A light-CNN has been proposed by Wu et al.
[56] with feature genuinization. In the first phase, features obtained from genuine speech were used to train the genuinization transformer. In the second phase, this transformer was converted to enhance the genuine and spoof features’ separation. This transformer was integrated with light-CNN and validated using the ASVspoof 2019 dataset with an EER rate of 4.07%. Li et al.
[57] presented a high-frequency feature-based deep CNN model. They extracted long-term variable Q transform (L-VQT) features, and the light-DenseNET model was trained using these features. They validated the model using the ASVSpoof 2019 dataset with various CNN classifiers, including a 0.352% and 3.768% EER on the development and evaluation datasets, respectively.

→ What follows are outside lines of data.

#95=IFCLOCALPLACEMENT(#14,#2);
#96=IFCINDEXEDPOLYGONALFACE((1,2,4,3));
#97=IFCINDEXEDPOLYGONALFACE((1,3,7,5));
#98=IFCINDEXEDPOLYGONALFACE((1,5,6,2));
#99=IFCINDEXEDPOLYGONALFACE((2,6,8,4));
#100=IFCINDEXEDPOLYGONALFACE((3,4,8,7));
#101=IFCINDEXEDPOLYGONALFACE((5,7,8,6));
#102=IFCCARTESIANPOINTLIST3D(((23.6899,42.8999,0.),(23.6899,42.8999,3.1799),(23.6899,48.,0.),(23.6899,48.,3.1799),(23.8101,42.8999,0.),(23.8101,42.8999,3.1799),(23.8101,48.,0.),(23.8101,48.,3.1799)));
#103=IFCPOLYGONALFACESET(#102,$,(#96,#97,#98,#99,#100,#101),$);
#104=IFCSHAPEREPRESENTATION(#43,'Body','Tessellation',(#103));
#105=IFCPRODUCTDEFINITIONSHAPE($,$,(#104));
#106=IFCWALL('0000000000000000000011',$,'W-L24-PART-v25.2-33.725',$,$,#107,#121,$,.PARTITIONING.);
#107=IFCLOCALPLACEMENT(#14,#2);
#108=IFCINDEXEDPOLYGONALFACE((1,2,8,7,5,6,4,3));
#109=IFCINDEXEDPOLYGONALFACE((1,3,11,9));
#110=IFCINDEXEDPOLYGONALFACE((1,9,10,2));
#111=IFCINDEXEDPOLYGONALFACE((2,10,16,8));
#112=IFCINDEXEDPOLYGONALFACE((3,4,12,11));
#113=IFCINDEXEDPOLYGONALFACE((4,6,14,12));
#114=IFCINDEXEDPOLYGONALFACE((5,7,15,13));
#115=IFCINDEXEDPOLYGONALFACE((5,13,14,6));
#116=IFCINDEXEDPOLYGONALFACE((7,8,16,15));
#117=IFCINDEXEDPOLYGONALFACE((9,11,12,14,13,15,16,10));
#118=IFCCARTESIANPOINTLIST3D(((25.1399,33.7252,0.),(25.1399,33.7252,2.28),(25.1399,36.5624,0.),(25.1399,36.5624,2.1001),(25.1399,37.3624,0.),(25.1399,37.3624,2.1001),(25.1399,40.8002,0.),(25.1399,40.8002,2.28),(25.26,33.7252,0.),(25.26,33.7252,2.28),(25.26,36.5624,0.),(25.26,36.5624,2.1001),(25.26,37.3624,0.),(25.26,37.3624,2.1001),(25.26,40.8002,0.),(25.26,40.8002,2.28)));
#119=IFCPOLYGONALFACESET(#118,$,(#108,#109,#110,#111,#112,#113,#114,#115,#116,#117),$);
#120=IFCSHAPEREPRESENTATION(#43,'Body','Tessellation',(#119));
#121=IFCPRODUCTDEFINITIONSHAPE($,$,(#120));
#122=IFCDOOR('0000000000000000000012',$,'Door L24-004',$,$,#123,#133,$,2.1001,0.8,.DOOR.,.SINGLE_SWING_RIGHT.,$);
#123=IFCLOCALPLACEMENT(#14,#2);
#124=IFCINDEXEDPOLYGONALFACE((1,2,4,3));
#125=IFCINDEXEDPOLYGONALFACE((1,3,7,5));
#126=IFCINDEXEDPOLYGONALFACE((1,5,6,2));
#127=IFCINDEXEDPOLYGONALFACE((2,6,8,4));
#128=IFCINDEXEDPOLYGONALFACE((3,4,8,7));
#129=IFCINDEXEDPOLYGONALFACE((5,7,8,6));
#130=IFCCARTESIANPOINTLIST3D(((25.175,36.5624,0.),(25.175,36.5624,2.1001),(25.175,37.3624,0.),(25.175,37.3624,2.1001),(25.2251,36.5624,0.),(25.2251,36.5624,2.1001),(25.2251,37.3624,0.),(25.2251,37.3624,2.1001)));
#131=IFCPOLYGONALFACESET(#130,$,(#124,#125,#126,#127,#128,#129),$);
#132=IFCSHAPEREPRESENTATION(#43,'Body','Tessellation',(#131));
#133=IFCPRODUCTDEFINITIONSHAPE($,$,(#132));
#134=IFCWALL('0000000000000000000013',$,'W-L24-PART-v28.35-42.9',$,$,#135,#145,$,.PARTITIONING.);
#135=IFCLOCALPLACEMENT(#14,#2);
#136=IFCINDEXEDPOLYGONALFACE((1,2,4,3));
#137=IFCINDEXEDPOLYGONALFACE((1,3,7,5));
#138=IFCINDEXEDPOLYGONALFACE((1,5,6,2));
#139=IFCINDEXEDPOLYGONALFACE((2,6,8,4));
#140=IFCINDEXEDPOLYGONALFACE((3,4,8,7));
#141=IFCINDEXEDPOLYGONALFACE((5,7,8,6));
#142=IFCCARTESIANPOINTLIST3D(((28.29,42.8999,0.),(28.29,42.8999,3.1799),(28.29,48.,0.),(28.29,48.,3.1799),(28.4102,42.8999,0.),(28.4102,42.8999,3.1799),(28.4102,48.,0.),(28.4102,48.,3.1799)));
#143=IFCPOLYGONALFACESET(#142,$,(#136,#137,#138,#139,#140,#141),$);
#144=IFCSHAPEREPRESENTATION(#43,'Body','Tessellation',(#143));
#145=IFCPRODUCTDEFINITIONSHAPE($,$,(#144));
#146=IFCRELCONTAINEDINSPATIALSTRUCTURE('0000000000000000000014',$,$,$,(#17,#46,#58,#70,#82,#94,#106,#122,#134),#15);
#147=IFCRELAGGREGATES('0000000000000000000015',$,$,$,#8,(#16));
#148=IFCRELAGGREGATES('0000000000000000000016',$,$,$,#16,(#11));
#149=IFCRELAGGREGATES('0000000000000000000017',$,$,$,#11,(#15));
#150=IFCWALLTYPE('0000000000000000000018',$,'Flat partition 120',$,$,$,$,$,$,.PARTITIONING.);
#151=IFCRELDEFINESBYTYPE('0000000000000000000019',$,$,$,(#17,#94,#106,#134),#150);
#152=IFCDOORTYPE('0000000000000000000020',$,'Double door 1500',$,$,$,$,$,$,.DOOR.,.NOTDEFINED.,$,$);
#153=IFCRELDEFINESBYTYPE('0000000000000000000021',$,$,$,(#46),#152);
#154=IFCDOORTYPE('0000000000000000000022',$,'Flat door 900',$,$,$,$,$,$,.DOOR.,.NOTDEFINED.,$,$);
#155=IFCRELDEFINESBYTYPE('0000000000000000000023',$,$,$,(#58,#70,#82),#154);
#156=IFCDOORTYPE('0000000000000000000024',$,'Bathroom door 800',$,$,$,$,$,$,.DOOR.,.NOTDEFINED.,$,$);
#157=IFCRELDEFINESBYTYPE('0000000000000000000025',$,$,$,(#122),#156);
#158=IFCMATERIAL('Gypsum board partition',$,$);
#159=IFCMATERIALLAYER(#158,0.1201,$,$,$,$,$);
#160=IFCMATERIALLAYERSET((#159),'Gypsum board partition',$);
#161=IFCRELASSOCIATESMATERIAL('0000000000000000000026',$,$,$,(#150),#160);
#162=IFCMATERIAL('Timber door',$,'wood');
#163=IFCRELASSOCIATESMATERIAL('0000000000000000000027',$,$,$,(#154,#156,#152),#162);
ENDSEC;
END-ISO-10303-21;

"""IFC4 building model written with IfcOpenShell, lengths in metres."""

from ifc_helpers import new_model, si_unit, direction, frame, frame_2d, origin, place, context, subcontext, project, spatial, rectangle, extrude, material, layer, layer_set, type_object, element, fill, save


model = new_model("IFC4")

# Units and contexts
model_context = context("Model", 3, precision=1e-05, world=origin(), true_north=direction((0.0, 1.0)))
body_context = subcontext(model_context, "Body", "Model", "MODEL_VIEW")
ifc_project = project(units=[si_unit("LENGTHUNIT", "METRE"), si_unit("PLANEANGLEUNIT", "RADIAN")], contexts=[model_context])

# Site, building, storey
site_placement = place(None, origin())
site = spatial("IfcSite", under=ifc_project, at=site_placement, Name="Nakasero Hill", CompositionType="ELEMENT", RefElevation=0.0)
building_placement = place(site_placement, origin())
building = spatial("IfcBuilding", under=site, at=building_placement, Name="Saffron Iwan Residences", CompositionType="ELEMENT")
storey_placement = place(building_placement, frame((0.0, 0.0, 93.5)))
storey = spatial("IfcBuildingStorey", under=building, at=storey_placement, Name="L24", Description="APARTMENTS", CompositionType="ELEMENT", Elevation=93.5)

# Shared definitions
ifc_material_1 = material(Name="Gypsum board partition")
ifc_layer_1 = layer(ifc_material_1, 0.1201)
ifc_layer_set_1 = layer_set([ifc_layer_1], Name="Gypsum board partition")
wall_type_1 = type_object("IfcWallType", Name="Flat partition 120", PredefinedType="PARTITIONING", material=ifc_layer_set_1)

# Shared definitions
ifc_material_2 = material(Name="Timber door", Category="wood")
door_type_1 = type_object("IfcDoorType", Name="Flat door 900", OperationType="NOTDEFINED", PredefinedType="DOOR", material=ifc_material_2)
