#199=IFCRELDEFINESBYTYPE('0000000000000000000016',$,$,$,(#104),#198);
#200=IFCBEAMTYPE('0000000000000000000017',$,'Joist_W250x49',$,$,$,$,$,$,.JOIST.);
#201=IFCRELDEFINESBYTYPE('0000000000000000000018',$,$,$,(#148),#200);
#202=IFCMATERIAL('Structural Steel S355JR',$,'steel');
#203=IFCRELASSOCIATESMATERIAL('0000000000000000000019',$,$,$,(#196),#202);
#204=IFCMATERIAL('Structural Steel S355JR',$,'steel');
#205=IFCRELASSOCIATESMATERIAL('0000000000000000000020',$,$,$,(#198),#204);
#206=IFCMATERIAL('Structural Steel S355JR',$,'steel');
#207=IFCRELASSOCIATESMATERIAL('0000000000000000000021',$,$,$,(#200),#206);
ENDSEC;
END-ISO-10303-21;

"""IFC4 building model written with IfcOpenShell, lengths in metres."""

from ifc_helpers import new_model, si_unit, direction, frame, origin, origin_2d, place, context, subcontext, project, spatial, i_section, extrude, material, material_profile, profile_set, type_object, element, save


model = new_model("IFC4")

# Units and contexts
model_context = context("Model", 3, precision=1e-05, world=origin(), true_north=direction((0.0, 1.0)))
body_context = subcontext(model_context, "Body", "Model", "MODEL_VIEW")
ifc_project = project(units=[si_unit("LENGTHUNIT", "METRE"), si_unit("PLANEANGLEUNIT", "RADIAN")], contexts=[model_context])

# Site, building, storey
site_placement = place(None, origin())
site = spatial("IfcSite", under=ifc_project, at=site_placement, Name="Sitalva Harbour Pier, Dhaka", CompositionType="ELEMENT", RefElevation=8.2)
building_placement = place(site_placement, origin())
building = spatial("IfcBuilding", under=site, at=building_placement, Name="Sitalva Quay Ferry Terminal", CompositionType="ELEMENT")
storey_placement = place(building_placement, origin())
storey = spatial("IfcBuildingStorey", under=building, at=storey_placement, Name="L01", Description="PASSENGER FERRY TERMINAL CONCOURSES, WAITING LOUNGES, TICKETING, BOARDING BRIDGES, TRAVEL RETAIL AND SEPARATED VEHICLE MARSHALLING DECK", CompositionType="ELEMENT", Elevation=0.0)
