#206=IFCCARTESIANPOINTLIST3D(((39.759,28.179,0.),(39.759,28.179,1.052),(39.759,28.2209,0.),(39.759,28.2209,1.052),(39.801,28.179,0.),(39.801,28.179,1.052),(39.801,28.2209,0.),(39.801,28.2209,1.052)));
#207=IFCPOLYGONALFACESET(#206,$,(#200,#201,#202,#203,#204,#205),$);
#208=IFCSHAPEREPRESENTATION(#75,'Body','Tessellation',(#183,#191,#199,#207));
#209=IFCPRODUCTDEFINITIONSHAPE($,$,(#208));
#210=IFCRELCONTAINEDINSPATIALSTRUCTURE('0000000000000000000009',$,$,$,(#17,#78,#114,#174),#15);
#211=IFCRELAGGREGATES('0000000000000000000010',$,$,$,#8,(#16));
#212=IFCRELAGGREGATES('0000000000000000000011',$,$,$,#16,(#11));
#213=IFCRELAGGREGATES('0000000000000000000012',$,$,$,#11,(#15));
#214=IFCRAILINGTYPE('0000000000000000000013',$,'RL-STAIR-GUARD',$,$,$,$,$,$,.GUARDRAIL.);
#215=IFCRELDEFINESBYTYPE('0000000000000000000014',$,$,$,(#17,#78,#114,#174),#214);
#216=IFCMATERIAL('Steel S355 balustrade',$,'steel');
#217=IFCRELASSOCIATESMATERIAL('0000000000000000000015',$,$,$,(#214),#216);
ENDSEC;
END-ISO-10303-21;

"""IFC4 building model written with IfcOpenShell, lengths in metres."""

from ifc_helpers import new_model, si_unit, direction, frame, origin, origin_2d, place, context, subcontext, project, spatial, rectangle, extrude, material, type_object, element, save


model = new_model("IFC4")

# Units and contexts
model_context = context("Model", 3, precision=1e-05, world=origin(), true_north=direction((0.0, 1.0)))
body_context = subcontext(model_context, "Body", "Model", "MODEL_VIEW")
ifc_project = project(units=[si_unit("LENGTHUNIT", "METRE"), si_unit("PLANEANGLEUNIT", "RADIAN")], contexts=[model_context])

The literature reveals that CQCC features and a lateral variant of the CQCC improved the spoofed-speech classification error rate with a statistical or machine learning model to a certain extent compared with other features. High-frequency features with CNN were more prominent in identifying speech with unknown attacks. In CNN, DenseNET, light-CNN, and recurrent neural networks, including RNN, LSTM, and BiLSTM networks, have mainly been used in spoof classification.